From: Jeremy Carroll <jjc@hpl.hp.com>
Date: Tue, 27 Nov 2007 16:46:38 +0000
To: Ian Horrocks <ian.horrocks@comlab.ox.ac.uk>
CC: ewallace@cme.nist.gov, ivan@w3.org, boris.motik@comlab.ox.ac.uk, public-owl-wg@w3.org
Message-ID: <474C49EE.1050509@hpl.hp.com>

Ian Horrocks wrote:
> 
> I agree that the kind of example put forward by Jeremy may be considered 
> "bad modelling" -- it is surely not intended that a string is the 
> creator of anything. What probably is intended is that the creator is 
> some object (so dc:creator would be an object property), and that object 
> may have a name (typically a string accessed via a datatype property).
> 

Never one to duck a challenge, I will attempt a defence of dc:creator.

1) the defn:

http://dublincore.org/documents/dcmi-terms/#creator

"Examples of a Creator include a person, an organization, or a service. 
Typically, the name of a Creator should be used to indicate the entity."

=====

The DC set is intended for widespread use, for a range of applications.
In simple cases, the 'typical' usage, the name, is sufficient.
Many bibliographic databases have this information, but lack the 
information to distinguishes between different John Smiths etc.

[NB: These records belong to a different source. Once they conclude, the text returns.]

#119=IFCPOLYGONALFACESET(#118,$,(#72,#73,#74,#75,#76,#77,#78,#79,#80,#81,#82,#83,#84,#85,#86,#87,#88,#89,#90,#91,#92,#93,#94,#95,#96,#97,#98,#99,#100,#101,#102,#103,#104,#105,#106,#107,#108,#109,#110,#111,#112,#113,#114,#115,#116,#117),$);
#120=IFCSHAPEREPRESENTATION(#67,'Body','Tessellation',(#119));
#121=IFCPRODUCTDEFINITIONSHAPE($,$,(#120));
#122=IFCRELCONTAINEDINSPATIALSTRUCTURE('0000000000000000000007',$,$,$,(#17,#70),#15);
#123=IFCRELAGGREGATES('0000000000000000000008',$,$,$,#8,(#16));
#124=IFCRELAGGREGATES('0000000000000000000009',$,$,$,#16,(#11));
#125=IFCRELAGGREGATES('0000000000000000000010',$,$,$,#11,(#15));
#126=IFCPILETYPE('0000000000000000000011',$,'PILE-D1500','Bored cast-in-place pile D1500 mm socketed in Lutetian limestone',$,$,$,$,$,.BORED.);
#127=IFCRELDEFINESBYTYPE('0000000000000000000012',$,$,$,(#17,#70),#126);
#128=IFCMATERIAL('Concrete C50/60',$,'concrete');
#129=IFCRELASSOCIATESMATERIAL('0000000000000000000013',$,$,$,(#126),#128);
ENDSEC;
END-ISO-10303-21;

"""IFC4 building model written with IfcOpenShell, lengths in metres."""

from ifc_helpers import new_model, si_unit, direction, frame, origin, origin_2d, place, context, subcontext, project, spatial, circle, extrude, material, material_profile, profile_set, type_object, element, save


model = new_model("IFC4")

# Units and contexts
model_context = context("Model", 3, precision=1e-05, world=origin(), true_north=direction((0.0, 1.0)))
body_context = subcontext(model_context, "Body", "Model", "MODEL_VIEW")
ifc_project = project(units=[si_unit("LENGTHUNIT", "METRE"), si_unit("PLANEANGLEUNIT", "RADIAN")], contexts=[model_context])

So the 'better' model, which was outlined by Ian, where dc:creator is an 
ObjectProperty cannot be used accurately in many cases.

So, I could imagine advising the use of dc:creator with a string object, 
with the string being the name of an author or similar when either:

a) the database is small, and the likelihood of multiple authors with 
the same name is small. In such cases, the greater modelling 
'correctness' of having a layer of indirection, is arguably a 
mismodelling, in that good modelling is found in appropriate 
approximations to the truth - and what is appropriate depends on 
purpose. If we don't approximate, we have to copy reality which is an 
unbounded and unachievable task.

b) the data is coming from legacy data which does not make adequate 
distinctions between one John Smith and another. This is highly likely.
While we may want to improve our data by performing some clean up on 
this issue, this is distinctly non-trivial, and planning a migration 
from a database that does not make such distinctions to one that does 
seems a major task, which should be conducted orthogonally from the task 
of say, migrating to an RDF or OWL solution.

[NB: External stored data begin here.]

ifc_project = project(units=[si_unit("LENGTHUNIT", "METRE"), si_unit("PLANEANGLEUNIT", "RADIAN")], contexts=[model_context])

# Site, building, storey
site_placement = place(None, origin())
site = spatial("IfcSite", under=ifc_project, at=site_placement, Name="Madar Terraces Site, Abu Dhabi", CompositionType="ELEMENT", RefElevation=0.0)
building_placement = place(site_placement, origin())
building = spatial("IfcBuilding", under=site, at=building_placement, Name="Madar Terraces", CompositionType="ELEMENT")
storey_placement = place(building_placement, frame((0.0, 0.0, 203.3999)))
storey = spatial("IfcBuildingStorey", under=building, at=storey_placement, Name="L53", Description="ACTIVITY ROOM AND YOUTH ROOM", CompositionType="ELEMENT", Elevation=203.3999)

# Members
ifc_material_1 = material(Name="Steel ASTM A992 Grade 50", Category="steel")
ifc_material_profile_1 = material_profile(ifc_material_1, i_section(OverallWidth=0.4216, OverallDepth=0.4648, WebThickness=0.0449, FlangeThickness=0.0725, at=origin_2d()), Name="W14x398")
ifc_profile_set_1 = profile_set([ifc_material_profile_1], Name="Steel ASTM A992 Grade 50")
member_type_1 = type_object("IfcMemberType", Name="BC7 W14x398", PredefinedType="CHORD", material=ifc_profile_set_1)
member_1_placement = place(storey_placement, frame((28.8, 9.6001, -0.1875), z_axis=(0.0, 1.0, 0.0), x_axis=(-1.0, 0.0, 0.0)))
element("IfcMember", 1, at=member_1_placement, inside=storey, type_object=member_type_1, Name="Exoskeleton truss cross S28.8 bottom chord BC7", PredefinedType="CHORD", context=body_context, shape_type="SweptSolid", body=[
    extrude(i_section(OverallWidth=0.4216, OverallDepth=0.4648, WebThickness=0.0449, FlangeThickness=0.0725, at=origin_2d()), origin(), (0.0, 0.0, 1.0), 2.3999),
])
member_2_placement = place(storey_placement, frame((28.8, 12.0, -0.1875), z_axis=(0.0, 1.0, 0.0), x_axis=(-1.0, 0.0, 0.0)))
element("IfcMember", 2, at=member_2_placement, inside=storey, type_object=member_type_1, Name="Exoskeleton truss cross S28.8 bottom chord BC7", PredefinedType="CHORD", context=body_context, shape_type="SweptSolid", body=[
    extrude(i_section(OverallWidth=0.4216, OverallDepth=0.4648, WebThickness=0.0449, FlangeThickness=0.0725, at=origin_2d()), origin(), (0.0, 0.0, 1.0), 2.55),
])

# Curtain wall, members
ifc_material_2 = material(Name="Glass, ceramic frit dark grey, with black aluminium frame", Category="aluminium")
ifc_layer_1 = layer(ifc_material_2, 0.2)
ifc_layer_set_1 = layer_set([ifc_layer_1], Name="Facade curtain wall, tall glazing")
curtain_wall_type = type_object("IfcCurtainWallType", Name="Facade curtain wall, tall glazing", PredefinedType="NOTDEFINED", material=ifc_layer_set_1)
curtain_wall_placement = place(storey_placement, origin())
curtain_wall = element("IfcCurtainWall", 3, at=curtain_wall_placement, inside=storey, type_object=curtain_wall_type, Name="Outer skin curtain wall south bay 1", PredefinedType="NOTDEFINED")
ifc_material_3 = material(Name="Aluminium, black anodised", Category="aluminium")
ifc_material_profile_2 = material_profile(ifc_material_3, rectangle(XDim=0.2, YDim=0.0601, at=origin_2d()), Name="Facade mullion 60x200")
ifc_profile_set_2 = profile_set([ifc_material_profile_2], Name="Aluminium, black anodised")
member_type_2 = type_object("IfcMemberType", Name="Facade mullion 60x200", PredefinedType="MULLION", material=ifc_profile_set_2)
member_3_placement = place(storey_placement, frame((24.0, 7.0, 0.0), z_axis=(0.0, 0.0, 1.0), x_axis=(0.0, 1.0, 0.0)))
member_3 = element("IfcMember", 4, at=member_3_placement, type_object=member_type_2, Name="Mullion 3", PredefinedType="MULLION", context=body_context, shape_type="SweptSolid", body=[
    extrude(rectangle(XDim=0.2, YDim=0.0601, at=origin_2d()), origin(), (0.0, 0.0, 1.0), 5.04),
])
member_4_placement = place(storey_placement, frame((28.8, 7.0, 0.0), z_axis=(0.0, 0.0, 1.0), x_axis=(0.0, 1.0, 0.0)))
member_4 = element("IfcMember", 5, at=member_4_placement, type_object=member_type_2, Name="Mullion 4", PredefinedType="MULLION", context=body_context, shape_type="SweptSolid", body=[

I would advise the use of dc:creator with a complex object, with a 
separate name field, when both:

a) reliable data is available
b) the database is large enough to make the additional modelling 
complexity worthwhile.

====

While we may argue whether dc:creator should have been one property or 
two (i.e. should these two cases have been merged), I would suggest that 
both cases are well-motivated; and the DC community's choice is not a 
priori 'bad modelling' or whatever other negative description we may 
assign to it. (I suspect that appropriate use of google will find me 
saying the opposite at some point in the past)

I also note that some of my colleagues who deal with such information 
would like to use the OWL 1.1 feature of sub-property-chains to help in 
modelling cases like this.

Jeremy

Received on Tuesday, 27 November 2007 16:47:13 UTC